Provider's adverse-event response is not MedWatch
It is common to confuse two different processes that get triggered by the same complaint:
- Provider response: the clinical and customer-service response from the telehealth clinic and pharmacy. Refund, replacement vial, dose adjustment, switch to a different formulation, escalation to the medical director. This is private, transactional, and resolves your individual case. The quality of this response varies widely across providers and is one of the criteria we use when evaluating providers ranked by adverse-event response.
- MedWatch: the systemic feedback loop that allows the FDA to detect emerging safety patterns across all patients on a given product. Public, aggregated, and aimed at population-level safety.
Both should happen. The provider response addresses your immediate care. The MedWatch report addresses the next patient.
FAQ
How long does it take to file Form 3500B?
Most patients complete the online form in 15 to 25 minutes if they have the vial label and dates in front of them. Locate the vial first; the lot number and beyond-use date are where people most often pause to dig through packaging.
Do I need a diagnosis to file?
No. A confirmed diagnosis improves the quality of the report, but symptoms described accurately are reportable on their own. The FDA does not gatekeep on clinical certainty.
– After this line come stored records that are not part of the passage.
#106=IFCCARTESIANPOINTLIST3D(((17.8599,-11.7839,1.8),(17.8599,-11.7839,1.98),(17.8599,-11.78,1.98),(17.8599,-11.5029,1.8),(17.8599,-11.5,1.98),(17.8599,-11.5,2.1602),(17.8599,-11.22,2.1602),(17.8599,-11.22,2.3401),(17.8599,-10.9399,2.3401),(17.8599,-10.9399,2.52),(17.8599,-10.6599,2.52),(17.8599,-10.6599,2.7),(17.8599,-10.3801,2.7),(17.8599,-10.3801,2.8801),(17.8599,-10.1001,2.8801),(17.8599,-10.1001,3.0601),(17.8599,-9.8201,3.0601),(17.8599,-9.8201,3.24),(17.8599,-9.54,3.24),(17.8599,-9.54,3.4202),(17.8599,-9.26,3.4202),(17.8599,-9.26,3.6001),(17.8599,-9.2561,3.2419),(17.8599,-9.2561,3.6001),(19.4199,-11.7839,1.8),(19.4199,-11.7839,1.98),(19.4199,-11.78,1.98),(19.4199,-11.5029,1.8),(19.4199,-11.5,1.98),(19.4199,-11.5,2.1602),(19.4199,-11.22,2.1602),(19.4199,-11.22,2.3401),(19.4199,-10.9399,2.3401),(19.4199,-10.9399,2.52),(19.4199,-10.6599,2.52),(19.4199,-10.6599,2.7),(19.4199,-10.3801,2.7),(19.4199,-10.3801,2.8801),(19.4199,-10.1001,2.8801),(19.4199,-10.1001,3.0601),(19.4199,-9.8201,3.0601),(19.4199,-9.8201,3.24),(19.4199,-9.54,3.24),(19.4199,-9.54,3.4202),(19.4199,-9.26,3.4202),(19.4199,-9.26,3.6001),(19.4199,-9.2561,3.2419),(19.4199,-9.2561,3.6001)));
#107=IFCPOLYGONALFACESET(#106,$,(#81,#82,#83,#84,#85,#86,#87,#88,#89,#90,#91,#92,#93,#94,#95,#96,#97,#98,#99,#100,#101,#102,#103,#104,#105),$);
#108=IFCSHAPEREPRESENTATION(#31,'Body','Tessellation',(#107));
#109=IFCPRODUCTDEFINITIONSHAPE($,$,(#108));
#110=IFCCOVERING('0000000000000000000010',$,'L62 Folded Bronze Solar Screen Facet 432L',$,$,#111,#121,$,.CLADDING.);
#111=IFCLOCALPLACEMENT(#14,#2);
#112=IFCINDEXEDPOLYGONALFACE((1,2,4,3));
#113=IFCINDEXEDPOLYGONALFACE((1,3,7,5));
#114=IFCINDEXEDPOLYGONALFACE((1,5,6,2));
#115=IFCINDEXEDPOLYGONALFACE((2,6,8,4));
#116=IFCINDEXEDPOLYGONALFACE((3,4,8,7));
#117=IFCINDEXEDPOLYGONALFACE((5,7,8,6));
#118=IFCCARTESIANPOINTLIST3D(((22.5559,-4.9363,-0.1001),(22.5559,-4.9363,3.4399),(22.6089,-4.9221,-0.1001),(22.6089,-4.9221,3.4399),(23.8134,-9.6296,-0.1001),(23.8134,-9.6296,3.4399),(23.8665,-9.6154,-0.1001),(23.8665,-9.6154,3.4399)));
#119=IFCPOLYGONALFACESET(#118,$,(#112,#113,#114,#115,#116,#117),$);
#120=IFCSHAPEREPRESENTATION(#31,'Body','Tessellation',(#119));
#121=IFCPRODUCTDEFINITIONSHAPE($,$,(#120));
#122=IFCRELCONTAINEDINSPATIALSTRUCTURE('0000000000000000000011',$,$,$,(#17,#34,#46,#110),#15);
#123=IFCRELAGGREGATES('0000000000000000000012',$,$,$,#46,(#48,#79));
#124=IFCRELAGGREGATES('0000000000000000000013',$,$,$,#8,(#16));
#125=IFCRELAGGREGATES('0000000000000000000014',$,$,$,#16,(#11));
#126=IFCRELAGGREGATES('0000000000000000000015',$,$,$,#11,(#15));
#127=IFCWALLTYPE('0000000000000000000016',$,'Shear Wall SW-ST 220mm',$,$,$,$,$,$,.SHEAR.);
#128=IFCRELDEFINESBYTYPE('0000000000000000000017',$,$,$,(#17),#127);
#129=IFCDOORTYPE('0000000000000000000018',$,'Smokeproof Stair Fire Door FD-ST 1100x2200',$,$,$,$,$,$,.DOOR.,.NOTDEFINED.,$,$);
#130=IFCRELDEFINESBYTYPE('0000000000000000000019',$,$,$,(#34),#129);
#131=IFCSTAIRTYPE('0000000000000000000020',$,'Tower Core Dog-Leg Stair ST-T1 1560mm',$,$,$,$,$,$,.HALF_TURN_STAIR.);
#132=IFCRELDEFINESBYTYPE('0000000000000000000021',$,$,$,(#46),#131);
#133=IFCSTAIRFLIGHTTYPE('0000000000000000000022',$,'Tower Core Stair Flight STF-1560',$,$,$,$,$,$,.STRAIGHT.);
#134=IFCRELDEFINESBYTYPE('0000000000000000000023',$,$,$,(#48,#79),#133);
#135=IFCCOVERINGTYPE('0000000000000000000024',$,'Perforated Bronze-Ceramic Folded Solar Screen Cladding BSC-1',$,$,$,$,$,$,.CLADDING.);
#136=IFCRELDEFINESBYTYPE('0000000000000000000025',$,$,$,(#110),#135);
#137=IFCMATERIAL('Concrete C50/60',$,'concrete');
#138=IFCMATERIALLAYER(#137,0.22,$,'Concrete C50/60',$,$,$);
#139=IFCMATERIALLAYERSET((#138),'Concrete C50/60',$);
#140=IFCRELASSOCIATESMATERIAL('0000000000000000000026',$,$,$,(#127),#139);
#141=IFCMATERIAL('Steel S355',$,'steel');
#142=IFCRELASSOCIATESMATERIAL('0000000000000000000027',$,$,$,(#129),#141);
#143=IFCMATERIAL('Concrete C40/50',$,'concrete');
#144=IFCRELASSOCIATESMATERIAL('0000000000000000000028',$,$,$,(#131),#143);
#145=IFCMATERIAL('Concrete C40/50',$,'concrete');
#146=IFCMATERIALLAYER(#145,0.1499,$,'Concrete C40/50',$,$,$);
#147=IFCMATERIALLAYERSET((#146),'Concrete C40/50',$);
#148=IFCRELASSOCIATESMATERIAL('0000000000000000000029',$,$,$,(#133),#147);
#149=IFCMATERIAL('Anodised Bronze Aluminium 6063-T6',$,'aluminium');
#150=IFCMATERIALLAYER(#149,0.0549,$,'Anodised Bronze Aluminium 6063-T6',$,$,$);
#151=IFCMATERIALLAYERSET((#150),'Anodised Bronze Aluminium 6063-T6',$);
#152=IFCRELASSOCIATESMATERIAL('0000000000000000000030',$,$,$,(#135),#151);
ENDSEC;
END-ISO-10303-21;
Will my report show up publicly with my name on it?
No. The public FAERS dashboard de-identifies all individual case reports. The FDA retains identifiers internally for follow-up and deduplication.
What if my GLP-1 was compounded and the vial label is missing or unclear?
Submit anyway. Note in the description that the labeling was incomplete, including which fields were missing. Incomplete or missing labels on a sterile compounded injectable are themselves a reportable product-quality concern under USP <797> expectations.
Can I report a near-miss, like receiving a wrong formulation that I caught before injecting?
Yes. Wrong-formulation dispenses, broken seals, missing labels, and shipping failures are reportable as product-quality issues whether or not the patient was harmed. These reports are particularly valuable because they identify failures upstream of any clinical event.
Does filing MedWatch help me get a refund?
No. MedWatch does not adjudicate consumer disputes. Refunds and replacements run through your provider and pharmacy; if those channels fail, complaints to the state board of pharmacy and to the BBB are the next individual-remedy step.